Un día el gigante chequista sugirió a Bogoleyev:
– Ayude al amigo a formular su imputación. Le aconsejo algo del tipo: «Sintiendo un odio feroz hacia todo lo que es nuevo, critiqué sin fundamento las obras de arte galardonadas con el premio Stalin». Le caerán, diez años. Y no denuncie a demasiada gente que conozca, eso no le ayudará a salvar el pellejo. Por el contrario, le acusarán de conspiración y será enviado a un campo penitenciario de régimen estricto.
– ¿Qué quiere decir? -preguntó Bogoleyev-. Ellos lo saben todo. ¿Cómo podría ayudarles?
A menudo, siempre en cuchicheos, filosofaba sobre su tema preferido, es decir, que todos éramos personajes de cuento: amenazadores comandantes de división, paracaidistas, admiradores de Matisse y Písarev, miembros del Partido, geólogos, chequistas, edificadores de planes quinquenales, pilotos, constructores de gigantescos complejos metalúrgicos… Y he aquí que nosotros, arrogantes y seguros de nosotros mismos, hemos franqueado el umbral de una casa encantada y una varita mágica nos ha transformado en gorriones, en cochinillos, en ardillas. Sólo necesitamos mosquitos o huevos de hormiga.
Tenía un pensamiento original, extraño y evidentemente profundo, pero en las cuestiones prácticas era mezquino: siempre estaba alerta, temeroso de que le dieran menos comida y peores raciones que a los demás, de que le acortaran el paseo y de que, durante el mismo, alguien se le comiera el pan seco.

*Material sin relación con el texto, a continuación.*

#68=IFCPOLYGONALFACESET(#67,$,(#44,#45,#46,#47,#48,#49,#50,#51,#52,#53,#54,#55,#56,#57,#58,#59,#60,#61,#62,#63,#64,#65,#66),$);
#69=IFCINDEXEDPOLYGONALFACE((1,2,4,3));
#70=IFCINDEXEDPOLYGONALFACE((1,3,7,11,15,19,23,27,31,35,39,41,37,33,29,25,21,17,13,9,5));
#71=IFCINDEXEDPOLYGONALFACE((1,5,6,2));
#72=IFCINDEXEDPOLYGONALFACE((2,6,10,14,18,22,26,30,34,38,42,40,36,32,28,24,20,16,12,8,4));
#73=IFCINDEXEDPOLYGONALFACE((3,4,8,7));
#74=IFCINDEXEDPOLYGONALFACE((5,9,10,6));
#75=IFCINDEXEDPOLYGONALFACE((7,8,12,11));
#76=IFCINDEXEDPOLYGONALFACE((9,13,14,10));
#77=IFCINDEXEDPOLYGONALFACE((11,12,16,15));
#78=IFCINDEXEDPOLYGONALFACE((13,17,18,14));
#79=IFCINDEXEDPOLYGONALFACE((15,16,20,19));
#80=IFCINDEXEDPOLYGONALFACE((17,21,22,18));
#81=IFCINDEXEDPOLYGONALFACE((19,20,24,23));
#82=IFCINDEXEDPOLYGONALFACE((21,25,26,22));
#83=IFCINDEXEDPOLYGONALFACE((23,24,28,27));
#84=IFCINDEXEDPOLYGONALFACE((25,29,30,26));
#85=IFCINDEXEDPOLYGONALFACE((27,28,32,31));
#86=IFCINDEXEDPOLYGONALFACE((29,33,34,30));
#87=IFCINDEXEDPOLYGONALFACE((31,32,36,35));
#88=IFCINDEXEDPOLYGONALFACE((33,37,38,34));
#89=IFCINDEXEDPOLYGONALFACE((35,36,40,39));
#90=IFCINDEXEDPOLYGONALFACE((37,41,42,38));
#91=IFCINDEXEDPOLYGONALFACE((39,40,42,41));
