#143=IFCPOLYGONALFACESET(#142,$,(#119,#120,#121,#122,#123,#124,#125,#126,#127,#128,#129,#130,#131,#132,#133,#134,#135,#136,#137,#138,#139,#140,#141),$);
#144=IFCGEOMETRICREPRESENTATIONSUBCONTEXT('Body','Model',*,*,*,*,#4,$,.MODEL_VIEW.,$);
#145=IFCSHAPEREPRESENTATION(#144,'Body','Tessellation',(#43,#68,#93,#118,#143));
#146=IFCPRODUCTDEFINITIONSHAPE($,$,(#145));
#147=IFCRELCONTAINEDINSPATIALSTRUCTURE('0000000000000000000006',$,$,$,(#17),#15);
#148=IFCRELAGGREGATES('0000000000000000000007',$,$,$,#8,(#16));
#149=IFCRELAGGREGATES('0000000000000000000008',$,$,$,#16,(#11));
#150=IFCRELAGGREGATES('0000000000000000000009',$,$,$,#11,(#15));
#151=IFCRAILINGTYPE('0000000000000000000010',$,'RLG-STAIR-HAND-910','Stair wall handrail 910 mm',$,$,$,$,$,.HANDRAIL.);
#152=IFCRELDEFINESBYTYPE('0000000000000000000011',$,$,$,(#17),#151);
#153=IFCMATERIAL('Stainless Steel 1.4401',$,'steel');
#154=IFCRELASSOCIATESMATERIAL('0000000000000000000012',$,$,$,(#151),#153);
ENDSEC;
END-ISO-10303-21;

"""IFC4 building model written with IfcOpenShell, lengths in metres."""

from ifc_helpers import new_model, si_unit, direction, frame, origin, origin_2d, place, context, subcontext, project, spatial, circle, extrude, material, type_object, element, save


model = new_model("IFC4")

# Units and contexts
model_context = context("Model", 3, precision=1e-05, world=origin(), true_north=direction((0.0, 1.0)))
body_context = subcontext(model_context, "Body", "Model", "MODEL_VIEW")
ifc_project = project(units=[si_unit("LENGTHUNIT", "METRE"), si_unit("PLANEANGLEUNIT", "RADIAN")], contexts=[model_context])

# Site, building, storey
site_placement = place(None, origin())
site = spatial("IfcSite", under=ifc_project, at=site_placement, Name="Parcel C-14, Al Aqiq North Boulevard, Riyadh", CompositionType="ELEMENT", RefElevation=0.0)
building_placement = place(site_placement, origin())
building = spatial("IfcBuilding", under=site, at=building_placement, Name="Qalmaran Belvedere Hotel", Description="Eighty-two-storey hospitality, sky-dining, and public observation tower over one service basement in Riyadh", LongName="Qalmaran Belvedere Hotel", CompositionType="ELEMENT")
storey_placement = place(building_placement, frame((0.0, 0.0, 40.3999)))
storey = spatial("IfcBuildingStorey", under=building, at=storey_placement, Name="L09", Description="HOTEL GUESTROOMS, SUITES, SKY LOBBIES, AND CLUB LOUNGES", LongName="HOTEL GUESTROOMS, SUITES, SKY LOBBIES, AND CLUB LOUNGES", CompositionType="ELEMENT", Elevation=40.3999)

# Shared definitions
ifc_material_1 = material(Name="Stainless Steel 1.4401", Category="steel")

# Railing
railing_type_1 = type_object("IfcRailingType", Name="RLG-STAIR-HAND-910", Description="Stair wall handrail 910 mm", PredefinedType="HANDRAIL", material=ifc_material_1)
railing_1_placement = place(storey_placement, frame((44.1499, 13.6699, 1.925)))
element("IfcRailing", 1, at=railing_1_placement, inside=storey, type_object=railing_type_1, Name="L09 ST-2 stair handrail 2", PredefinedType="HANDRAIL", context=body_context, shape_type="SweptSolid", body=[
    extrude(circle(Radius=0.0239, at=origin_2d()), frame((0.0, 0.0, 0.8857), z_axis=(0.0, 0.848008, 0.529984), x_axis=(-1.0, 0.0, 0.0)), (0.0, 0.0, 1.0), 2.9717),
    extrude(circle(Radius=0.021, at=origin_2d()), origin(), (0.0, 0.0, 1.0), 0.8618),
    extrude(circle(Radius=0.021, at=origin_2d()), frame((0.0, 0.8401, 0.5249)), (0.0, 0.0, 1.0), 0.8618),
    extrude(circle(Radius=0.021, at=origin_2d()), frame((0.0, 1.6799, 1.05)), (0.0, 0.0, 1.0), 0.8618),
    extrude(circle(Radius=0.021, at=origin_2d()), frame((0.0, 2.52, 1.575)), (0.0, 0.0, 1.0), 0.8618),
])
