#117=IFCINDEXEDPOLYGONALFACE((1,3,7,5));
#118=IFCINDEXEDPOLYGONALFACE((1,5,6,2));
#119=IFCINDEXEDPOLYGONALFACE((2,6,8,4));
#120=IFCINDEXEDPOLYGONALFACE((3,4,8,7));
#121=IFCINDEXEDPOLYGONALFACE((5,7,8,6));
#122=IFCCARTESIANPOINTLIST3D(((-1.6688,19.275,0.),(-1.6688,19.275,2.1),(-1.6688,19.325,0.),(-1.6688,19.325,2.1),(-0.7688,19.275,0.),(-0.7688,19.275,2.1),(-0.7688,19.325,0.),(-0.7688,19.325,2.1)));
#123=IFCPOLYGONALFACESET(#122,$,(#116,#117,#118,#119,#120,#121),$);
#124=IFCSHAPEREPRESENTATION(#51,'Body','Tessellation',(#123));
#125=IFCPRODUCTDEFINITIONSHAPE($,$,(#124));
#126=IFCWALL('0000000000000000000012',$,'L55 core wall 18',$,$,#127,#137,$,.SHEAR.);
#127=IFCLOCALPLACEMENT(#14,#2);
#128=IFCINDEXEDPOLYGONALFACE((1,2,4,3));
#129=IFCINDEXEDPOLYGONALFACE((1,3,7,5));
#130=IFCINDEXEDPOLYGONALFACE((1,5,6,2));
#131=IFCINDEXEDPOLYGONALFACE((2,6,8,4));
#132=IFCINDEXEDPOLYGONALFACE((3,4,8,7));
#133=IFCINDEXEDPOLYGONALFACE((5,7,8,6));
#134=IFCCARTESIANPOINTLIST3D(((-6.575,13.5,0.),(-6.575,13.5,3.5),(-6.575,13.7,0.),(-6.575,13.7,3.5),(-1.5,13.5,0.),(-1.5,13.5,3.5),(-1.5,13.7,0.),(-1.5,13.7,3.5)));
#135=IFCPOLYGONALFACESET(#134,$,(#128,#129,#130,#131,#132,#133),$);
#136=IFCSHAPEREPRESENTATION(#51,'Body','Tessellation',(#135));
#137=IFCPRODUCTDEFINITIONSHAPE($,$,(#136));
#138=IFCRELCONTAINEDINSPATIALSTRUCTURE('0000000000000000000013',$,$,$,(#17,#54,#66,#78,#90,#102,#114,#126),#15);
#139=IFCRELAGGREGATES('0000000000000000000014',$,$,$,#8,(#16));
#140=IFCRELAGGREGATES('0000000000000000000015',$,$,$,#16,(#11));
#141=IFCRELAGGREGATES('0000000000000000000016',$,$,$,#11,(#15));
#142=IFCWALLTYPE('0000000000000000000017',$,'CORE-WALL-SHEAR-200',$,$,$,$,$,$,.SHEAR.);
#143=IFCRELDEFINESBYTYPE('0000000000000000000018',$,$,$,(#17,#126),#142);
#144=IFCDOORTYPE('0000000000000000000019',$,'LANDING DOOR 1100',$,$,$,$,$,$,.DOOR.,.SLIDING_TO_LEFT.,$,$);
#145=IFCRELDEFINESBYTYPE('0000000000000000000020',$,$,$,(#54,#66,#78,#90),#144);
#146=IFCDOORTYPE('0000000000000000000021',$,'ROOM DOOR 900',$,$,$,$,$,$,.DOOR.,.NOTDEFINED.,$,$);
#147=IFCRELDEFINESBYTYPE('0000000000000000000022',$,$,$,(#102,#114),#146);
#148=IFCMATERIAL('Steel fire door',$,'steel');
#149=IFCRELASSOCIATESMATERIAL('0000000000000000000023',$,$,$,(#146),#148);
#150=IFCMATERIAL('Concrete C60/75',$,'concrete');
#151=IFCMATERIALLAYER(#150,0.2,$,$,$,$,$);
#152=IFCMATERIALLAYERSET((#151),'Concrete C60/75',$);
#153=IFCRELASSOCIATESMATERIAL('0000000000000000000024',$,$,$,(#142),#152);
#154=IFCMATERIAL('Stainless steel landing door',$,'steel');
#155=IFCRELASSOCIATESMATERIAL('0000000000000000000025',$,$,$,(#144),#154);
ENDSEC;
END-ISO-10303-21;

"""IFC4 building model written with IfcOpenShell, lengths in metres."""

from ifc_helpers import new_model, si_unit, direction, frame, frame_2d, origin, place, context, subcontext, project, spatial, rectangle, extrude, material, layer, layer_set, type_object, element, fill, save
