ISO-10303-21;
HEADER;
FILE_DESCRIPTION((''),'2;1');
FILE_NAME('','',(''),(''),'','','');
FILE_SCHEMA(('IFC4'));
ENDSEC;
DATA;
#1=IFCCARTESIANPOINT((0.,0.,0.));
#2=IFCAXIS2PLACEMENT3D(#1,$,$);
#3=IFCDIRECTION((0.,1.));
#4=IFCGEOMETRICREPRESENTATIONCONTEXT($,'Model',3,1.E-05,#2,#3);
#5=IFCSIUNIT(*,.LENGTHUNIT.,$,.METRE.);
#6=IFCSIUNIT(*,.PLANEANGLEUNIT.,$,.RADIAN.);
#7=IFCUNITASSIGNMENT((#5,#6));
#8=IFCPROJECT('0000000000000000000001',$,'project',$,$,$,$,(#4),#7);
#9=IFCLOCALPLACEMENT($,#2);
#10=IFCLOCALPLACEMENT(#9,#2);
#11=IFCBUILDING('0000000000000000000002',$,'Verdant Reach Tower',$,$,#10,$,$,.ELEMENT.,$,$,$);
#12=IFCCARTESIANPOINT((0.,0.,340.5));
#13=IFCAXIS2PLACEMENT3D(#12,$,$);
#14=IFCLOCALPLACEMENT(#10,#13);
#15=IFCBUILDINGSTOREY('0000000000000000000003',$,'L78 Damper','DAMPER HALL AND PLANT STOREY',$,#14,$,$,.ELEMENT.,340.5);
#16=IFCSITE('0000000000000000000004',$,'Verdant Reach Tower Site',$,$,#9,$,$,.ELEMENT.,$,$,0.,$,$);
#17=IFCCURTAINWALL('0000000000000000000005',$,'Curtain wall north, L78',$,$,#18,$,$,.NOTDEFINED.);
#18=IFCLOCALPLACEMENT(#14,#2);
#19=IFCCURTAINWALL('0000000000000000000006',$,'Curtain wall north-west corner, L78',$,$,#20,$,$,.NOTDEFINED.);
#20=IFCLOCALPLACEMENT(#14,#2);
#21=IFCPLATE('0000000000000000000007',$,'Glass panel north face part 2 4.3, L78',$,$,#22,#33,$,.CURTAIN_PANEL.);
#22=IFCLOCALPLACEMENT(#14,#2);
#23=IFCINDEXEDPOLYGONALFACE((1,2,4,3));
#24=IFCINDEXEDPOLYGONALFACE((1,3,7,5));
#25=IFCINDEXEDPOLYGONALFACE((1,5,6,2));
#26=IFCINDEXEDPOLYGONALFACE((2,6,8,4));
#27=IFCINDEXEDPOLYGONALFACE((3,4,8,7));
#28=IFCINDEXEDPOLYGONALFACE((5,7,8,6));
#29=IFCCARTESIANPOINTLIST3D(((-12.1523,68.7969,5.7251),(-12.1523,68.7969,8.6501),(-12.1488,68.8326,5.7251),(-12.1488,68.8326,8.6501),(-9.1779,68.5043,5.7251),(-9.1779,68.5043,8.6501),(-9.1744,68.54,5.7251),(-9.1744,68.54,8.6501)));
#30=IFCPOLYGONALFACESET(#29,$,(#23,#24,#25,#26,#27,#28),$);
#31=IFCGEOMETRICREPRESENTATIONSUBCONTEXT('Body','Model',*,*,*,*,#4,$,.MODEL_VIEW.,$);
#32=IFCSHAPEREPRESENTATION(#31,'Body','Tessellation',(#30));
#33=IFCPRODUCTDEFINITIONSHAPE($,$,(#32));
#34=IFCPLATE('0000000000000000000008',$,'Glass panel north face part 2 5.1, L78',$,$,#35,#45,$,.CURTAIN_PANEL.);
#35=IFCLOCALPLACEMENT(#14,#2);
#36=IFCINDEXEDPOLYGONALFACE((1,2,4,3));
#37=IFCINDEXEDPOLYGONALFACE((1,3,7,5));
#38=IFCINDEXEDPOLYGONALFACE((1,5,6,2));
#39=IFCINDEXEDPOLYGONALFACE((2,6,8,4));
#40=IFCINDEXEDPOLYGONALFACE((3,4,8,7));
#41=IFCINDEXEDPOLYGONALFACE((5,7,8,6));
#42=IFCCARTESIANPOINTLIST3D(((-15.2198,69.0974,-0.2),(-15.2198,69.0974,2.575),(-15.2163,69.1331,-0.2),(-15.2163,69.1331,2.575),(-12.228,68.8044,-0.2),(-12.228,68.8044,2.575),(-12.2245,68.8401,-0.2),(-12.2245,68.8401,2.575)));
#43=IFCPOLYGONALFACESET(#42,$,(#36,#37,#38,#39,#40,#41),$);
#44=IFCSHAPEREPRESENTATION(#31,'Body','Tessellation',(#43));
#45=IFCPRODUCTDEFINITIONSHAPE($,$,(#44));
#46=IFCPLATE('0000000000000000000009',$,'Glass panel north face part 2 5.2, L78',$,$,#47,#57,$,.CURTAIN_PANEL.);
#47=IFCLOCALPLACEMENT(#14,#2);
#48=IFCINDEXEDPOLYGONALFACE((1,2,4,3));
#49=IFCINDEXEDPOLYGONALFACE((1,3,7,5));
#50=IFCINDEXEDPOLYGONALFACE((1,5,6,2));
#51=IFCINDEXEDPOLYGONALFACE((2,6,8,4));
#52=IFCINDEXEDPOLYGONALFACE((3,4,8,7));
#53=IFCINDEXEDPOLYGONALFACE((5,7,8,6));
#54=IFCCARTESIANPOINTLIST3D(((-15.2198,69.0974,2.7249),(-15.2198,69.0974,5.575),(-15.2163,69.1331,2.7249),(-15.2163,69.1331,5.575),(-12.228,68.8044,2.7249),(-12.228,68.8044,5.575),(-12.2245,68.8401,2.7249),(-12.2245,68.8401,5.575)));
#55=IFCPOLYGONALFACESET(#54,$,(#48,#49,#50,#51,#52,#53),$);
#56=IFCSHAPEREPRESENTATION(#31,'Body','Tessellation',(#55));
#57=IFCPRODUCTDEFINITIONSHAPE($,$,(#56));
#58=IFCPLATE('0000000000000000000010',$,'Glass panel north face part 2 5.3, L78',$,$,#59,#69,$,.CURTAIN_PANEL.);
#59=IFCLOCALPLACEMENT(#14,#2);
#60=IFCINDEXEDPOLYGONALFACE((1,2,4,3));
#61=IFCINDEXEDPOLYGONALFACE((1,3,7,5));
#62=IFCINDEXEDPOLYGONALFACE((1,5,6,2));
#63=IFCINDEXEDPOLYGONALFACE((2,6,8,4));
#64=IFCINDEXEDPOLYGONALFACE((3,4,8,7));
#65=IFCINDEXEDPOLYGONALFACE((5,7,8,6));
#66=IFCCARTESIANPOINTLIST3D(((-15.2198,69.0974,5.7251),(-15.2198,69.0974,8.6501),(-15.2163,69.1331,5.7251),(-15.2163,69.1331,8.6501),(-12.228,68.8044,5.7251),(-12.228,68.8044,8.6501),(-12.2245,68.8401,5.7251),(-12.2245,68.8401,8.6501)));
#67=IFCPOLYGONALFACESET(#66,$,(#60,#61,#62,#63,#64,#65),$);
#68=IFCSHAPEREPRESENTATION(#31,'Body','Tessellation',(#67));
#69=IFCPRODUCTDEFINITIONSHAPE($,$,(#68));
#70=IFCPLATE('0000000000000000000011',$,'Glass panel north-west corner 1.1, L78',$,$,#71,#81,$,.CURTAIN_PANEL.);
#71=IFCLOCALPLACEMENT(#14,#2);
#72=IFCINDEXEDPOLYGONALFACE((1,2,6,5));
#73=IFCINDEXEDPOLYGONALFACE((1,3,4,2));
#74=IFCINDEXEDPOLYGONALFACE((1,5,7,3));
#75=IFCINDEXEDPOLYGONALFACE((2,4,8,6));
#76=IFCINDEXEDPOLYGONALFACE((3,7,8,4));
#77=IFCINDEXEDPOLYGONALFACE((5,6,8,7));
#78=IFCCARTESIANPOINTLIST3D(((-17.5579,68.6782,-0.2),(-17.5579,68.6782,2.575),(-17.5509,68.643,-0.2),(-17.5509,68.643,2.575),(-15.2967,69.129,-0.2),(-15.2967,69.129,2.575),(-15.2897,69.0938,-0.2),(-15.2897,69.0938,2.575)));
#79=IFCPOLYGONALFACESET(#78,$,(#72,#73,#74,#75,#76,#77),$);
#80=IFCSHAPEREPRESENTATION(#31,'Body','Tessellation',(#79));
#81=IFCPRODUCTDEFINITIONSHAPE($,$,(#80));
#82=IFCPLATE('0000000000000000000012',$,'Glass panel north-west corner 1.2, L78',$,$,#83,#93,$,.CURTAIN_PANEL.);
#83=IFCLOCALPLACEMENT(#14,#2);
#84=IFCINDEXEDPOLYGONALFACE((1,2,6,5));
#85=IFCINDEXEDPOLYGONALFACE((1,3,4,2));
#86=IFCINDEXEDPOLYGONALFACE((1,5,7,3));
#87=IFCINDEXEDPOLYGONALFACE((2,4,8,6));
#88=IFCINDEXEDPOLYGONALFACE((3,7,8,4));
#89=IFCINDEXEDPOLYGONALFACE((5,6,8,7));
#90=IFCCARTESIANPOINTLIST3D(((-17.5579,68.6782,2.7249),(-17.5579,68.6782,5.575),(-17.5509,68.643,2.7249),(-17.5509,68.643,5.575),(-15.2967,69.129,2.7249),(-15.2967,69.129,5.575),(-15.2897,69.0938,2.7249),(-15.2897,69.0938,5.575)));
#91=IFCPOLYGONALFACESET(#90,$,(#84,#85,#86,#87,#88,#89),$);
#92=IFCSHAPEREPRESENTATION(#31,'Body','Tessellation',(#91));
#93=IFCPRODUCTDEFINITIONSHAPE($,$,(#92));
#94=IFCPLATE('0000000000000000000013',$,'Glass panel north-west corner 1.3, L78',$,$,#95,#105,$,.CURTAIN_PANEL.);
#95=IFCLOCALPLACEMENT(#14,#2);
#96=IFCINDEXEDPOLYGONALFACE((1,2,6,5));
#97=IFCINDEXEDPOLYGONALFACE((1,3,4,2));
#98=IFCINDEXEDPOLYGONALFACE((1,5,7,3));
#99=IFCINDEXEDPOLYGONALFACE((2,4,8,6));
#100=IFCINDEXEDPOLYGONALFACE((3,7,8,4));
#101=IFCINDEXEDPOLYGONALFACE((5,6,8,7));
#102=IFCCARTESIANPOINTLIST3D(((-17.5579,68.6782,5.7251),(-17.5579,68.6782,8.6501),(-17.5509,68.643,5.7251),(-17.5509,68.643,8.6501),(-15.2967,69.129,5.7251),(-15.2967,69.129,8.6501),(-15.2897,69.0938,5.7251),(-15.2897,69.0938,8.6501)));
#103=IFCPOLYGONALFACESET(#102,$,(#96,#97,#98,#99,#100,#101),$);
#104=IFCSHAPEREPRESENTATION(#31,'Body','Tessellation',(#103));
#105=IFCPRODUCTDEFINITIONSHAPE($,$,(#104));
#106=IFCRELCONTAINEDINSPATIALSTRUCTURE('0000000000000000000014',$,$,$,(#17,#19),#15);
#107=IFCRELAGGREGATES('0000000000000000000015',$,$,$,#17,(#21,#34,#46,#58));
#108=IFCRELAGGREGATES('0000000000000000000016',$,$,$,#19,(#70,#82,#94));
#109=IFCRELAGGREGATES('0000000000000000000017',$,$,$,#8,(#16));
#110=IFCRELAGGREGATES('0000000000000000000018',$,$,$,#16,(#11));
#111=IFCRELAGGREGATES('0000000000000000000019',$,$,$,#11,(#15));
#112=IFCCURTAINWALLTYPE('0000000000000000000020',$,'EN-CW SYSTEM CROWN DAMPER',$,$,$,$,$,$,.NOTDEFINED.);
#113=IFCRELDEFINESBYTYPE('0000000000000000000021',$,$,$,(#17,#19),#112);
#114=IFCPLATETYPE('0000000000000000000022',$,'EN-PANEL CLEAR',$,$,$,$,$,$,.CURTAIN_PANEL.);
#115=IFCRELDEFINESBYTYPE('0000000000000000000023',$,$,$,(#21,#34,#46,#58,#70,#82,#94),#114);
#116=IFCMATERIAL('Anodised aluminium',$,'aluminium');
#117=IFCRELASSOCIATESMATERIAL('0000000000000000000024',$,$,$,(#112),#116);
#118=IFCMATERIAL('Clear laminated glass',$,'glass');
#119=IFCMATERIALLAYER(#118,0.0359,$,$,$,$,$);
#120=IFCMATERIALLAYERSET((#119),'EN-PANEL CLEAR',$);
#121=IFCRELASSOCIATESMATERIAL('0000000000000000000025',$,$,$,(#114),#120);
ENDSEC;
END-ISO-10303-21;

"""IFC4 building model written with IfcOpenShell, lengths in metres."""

from ifc_helpers import new_model, si_unit, direction, frame, origin, origin_2d, place, context, subcontext, project, spatial, rectangle, extrude, material, layer, layer_set, type_object, element, aggregate, save


model = new_model("IFC4")

# Units and contexts
model_context = context("Model", 3, precision=1e-05, world=origin(), true_north=direction((0.0, 1.0)))
body_context = subcontext(model_context, "Body", "Model", "MODEL_VIEW")
ifc_project = project(units=[si_unit("LENGTHUNIT", "METRE"), si_unit("PLANEANGLEUNIT", "RADIAN")], contexts=[model_context])

# Site, building, storey
site_placement = place(None, origin())
site = spatial("IfcSite", under=ifc_project, at=site_placement, Name="Verdant Reach Tower Site", CompositionType="ELEMENT", RefElevation=0.0)
building_placement = place(site_placement, origin())
building = spatial("IfcBuilding", under=site, at=building_placement, Name="Verdant Reach Tower", CompositionType="ELEMENT")
storey_placement = place(building_placement, frame((0.0, 0.0, 340.5)))
storey = spatial("IfcBuildingStorey", under=building, at=storey_placement, Name="L78 Damper", Description="DAMPER HALL AND PLANT STOREY", CompositionType="ELEMENT", Elevation=340.5)

# Curtain wall
ifc_material_1 = material(Name="Anodised aluminium", Category="aluminium")
curtain_wall_type = type_object("IfcCurtainWallType", Name="EN-CW SYSTEM CROWN DAMPER", PredefinedType="NOTDEFINED", material=ifc_material_1)
curtain_wall_1_placement = place(storey_placement, origin())
curtain_wall_1 = element("IfcCurtainWall", 1, at=curtain_wall_1_placement, inside=storey, type_object=curtain_wall_type, Name="Curtain wall north, L78", PredefinedType="NOTDEFINED")

# Curtain wall
curtain_wall_2_placement = place(storey_placement, origin())
curtain_wall_2 = element("IfcCurtainWall", 2, at=curtain_wall_2_placement, inside=storey, type_object=curtain_wall_type, Name="Curtain wall north-west corner, L78", PredefinedType="NOTDEFINED")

La vida estaba llena de acontecimientos, pero al mismo tiempo seguía siendo vacía, irreal. Vivían en el cauce de un río seco. El juez instructor estudiaba los guijarros, las grietas, los desniveles de la orilla. Pero el agua que una vez había moldeado ese cauce ya no existía.
Dreling casi nunca intervenía en las conversaciones, y si hablaba, la mayor parte de las veces lo hacía con Bogoleyev, probablemente porque no pertenecía al Partido.
Pero, incluso con Bogoleyev, se irritaba a menudo.
– Es usted un tipo extraño -le dijo una vez-. Primero, porque se muestra respetuoso y amable con personas a las que desprecia. Segundo, porque cada día me pregunta cómo me encuentro, aunque le resulte indiferente que yo viva o muera.
Bogoleyev alzó los ojos al techo de la celda, alargó los brazos y respondió:
– Escuche.
Y declamó, como cantando:
«¿De qué materia está hecho tu caparazón?»,
pregunté a la tortuga, y ella contestó:
«De miedos acumulados».
¡En el mundo no hay nada más sólido!
– ¿Son suyos los versos? -preguntó Dreling.
Bogoleyev abrió de nuevo los brazos y no respondió.
– El viejo tiene miedo, ha almacenado un montón de miedos -observó Katsenelenbogen.
Después del desayuno Dreling le enseñó la cubierta de un libro a Bogoleyev y le preguntó:
– ¿Le gusta?
– A decir verdad, no -respondió Bogoleyev.
Dreling asintió.
– Yo tampoco soy un entusiasta de esta obra. Plejánov, en cierta ocasión, dijo: «El personaje de la madre creado por Gorki es un icono, y la clase obrera no necesita iconos».
– ¿Qué tienen que ver aquí los iconos? -replicó Krímov-. Generaciones enteras han leído La madre.